Importantly, this is not their fault. Students are essentially forced to adopt such strategies to navigate what has remained a highly balkanized educational process with rigid separation of the university-based undergraduate experience from the discipline-based residency process. The result is a jarring transition from the one-size-fits-all MD program to approximately 30 entry level residencies, eventually leading to over 100 specialty programs.

It’s also not the fault of undergraduate programs which have adapted to meet the needs of their students, which is their primary obligation. It’s not the fault of the myriad college-based specialty programs which are rightfully focused on providing valid training programs leading to qualification in their various specialties.

The solution to all this lies collectively within the broader profession and the plethora of deeply entrenched institutions involved in various ways with important but unaligned components of the education and qualification of doctors. We have collectively been either unwilling or unable to look beyond our individual institutional responsibilities and engage the larger problem, which is eroding and, importantly, progressively lengthening the process by which we train doctors, all at a time when our country desperately requires qualified physicians, particularly in generalist roles. The issue facing our universities, colleges, specialty committees and regulators is not whether the collective system of education needs to change or whether they need to be involved in that collective “re-think”. The question is who will blink first and be willing to rise above their parochial interest to begin the process.  

And so, given that this will not be solved within the next year, what advice for my young friend and all the students of today?
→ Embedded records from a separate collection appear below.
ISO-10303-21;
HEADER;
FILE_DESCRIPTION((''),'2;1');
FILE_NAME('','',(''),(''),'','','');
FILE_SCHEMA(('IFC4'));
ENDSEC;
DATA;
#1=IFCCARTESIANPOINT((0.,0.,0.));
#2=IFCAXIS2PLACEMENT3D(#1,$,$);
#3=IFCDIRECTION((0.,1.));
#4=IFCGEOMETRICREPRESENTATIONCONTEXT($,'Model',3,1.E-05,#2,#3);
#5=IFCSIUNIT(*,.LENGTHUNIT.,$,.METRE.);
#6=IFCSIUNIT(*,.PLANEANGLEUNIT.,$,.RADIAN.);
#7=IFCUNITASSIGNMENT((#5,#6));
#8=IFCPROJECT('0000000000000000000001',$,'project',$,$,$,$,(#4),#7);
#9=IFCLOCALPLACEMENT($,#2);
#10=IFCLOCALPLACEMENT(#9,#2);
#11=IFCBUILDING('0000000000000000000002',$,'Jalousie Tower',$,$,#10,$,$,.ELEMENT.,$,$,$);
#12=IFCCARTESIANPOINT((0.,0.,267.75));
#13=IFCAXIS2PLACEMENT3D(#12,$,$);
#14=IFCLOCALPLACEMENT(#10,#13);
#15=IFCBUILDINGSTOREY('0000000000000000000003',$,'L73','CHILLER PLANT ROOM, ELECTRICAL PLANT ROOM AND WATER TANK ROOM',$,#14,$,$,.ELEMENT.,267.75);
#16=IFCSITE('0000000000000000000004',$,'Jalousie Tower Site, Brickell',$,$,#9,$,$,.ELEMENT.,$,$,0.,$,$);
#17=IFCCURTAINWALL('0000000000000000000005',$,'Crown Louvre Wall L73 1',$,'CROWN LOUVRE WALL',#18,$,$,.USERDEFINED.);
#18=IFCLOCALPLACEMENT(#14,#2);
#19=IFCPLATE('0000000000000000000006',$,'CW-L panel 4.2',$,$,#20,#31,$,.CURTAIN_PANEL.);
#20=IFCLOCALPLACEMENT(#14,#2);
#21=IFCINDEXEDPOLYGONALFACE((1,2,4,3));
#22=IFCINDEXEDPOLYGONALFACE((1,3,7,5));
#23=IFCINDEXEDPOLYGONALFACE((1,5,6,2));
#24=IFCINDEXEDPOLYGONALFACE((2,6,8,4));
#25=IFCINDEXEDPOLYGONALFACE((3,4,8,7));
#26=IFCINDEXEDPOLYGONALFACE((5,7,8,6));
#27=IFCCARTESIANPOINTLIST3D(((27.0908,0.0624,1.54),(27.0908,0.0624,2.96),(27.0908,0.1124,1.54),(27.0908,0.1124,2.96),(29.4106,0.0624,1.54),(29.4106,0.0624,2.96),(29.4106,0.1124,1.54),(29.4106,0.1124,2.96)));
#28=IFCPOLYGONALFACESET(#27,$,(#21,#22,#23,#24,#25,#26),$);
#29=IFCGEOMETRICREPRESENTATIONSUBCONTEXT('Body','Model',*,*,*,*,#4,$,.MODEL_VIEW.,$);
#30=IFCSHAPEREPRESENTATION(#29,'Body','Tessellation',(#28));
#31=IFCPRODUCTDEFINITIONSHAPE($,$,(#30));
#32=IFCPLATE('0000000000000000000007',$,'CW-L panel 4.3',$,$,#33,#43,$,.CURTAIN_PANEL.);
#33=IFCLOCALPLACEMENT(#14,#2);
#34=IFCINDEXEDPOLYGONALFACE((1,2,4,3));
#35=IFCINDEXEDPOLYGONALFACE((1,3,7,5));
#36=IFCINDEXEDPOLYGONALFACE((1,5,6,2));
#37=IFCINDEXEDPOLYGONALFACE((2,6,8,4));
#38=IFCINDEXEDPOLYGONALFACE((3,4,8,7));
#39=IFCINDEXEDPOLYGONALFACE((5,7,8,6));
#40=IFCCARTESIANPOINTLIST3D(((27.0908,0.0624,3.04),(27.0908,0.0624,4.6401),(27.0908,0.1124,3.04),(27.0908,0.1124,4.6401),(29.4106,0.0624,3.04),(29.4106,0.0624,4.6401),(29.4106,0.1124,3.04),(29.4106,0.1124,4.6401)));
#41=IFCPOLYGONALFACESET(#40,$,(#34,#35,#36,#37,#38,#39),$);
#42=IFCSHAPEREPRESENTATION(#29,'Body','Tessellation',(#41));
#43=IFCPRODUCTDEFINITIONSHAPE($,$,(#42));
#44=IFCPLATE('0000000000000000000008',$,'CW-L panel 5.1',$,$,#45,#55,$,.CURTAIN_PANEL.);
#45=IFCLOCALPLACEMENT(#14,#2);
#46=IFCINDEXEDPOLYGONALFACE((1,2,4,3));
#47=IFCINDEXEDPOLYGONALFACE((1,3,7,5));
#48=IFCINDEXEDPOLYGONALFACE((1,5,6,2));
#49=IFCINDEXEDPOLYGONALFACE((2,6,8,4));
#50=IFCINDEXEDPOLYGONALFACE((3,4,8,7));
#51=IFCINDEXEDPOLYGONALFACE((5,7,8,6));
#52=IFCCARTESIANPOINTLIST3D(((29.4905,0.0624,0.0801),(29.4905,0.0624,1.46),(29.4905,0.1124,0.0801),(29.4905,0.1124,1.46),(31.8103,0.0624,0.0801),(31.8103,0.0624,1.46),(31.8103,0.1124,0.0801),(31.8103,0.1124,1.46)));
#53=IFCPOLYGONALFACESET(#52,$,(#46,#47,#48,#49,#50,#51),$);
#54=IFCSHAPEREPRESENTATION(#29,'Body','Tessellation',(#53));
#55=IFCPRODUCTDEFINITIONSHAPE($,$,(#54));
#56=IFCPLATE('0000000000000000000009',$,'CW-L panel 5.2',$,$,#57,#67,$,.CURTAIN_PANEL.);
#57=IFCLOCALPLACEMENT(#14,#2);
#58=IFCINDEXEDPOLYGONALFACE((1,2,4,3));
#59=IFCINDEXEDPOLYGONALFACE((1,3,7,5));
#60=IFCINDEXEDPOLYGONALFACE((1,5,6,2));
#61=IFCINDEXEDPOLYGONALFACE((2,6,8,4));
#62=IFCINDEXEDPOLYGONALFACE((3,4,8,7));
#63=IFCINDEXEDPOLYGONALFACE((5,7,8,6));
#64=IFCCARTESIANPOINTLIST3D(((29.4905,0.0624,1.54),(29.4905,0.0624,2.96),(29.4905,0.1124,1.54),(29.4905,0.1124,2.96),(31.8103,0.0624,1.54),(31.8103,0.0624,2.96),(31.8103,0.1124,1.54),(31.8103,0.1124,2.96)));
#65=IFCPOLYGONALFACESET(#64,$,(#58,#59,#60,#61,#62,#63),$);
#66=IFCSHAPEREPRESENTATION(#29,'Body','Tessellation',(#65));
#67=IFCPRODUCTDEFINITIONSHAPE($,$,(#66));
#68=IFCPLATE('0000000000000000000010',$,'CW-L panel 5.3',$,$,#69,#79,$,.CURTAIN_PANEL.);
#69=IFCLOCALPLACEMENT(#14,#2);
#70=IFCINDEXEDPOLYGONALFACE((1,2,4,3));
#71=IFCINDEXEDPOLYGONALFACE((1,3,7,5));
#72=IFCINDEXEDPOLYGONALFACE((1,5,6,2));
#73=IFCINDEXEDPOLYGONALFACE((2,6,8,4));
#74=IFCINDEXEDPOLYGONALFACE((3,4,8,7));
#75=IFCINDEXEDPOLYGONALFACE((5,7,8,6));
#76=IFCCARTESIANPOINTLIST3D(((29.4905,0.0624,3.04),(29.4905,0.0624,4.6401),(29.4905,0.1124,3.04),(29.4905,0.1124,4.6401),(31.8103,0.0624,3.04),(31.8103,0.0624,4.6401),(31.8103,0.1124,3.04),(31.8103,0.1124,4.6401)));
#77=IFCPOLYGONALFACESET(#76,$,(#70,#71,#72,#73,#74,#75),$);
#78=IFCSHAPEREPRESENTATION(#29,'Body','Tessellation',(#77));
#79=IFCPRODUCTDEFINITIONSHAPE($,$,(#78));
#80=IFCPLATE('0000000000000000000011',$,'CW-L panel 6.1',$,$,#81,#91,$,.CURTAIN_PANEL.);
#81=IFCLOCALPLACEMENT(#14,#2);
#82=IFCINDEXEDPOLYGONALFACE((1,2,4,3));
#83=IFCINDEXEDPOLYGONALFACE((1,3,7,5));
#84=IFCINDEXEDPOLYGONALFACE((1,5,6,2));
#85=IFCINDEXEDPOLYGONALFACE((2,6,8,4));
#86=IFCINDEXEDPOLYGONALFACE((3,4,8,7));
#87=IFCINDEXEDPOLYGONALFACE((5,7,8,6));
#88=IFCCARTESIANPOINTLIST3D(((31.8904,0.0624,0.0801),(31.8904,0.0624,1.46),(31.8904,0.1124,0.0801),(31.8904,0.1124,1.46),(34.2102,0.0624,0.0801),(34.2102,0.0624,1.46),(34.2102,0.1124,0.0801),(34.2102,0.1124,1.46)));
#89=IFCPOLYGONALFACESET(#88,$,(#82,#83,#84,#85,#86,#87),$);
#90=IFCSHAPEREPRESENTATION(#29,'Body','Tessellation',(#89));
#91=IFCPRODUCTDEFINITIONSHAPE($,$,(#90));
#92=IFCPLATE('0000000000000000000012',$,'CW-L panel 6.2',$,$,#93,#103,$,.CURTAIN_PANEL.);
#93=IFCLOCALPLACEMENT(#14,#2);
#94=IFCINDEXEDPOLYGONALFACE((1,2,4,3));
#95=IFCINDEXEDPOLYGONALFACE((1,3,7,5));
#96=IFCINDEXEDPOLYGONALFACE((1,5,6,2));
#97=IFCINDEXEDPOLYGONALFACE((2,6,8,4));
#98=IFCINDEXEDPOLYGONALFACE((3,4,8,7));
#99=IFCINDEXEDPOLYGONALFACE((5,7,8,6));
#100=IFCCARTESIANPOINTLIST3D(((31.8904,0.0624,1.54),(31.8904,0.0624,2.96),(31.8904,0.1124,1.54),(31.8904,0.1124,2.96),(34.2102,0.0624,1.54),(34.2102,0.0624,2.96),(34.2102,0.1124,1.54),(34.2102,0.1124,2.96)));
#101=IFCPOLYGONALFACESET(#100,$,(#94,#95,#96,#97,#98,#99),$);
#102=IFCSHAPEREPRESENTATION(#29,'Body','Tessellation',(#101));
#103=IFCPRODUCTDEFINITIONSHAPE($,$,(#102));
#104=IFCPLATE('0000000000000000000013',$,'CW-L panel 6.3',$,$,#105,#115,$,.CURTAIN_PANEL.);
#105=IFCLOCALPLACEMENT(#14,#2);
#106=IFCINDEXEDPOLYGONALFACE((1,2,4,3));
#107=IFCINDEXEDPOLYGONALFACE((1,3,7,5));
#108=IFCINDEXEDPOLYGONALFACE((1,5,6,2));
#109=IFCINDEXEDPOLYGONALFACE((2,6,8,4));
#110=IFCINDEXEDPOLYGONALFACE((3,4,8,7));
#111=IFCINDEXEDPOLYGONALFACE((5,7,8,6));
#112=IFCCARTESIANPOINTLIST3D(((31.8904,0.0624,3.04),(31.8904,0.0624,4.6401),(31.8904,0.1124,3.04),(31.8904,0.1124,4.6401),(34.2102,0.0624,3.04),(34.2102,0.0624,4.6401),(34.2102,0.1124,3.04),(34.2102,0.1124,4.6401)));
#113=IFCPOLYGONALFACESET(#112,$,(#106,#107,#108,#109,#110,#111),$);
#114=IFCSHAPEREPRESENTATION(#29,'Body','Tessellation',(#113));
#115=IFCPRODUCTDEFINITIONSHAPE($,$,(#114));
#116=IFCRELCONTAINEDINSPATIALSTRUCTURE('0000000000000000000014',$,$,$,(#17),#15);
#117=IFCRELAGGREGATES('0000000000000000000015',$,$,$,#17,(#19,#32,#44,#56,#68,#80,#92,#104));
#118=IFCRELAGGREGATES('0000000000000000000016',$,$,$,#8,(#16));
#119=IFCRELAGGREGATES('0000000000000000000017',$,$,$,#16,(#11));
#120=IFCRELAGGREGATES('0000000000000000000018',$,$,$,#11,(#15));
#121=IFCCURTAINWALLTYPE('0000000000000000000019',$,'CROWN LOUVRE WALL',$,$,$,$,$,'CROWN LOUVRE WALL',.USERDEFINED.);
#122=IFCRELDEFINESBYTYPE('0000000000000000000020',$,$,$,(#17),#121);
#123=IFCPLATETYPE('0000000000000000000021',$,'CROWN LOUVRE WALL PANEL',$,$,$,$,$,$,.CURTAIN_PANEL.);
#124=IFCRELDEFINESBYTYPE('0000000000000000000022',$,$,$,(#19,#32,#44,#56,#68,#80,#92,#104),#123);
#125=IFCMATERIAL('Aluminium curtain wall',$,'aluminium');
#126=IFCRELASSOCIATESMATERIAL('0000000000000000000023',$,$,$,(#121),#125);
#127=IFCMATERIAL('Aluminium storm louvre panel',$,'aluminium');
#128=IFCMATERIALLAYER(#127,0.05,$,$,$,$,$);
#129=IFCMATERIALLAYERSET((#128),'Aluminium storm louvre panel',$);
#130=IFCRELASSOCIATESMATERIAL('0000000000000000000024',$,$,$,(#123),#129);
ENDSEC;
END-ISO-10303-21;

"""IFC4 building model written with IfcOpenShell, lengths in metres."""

from ifc_helpers import new_model, si_unit, direction, frame, origin, origin_2d, place, context, subcontext, project, spatial, rectangle, extrude, material, layer, layer_set, type_object, element, aggregate, save


model = new_model("IFC4")

# Units and contexts
model_context = context("Model", 3, precision=1e-05, world=origin(), true_north=direction((0.0, 1.0)))
body_context = subcontext(model_context, "Body", "Model", "MODEL_VIEW")
ifc_project = project(units=[si_unit("LENGTHUNIT", "METRE"), si_unit("PLANEANGLEUNIT", "RADIAN")], contexts=[model_context])

# Site, building, storey
site_placement = place(None, origin())
site = spatial("IfcSite", under=ifc_project, at=site_placement, Name="Jalousie Tower Site, Brickell", CompositionType="ELEMENT", RefElevation=0.0)
building_placement = place(site_placement, origin())
building = spatial("IfcBuilding", under=site, at=building_placement, Name="Jalousie Tower", CompositionType="ELEMENT")
storey_placement = place(building_placement, frame((0.0, 0.0, 267.75)))
storey = spatial("IfcBuildingStorey", under=building, at=storey_placement, Name="L73", Description="CHILLER PLANT ROOM, ELECTRICAL PLANT ROOM AND WATER TANK ROOM", CompositionType="ELEMENT", Elevation=267.75)

# Curtain wall, plates
ifc_material_1 = material(Name="Aluminium curtain wall", Category="aluminium")
curtain_wall_type = type_object("IfcCurtainWallType", Name="CROWN LOUVRE WALL", ElementType="CROWN LOUVRE WALL", PredefinedType="USERDEFINED", material=ifc_material_1)
curtain_wall_placement = place(storey_placement, origin())
curtain_wall = element("IfcCurtainWall", 1, at=curtain_wall_placement, inside=storey, type_object=curtain_wall_type, Name="Crown Louvre Wall L73 1", ObjectType="CROWN LOUVRE WALL", PredefinedType="USERDEFINED")
ifc_material_2 = material(Name="Aluminium storm louvre panel", Category="aluminium")
ifc_layer = layer(ifc_material_2, 0.05)
ifc_layer_set = layer_set([ifc_layer], Name="Aluminium storm louvre panel")
plate_type = type_object("IfcPlateType", Name="CROWN LOUVRE WALL PANEL", PredefinedType="CURTAIN_PANEL", material=ifc_layer_set)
I’m tempted to draw their attention to an oft-quoted fake-Latin phrase that appears in Margaret Atwood’s Handmaid’s Tale. It goes “nolite te bastardes carborundorum”.  Basically, don’t let the system get you down. Stay true to your roots and educational purpose. Yes, you need to think about specialty choice and navigate an admittedly perverse process, but you will be best served both in the short and long term by developing your fundamental skills in the many opportunities that are available to you. Engage the patient first, the problem second. Seek out role models, watch what they do, and seek out their guidance regardless of their specialty. You will be surprised at how welcoming they will be and how willing they will be to engage an eager learner.

Because that is what we do. That is how you will develop as a doctor. That is how you will find the fulfillment and satisfaction that this wonderful career you have chosen truly provides.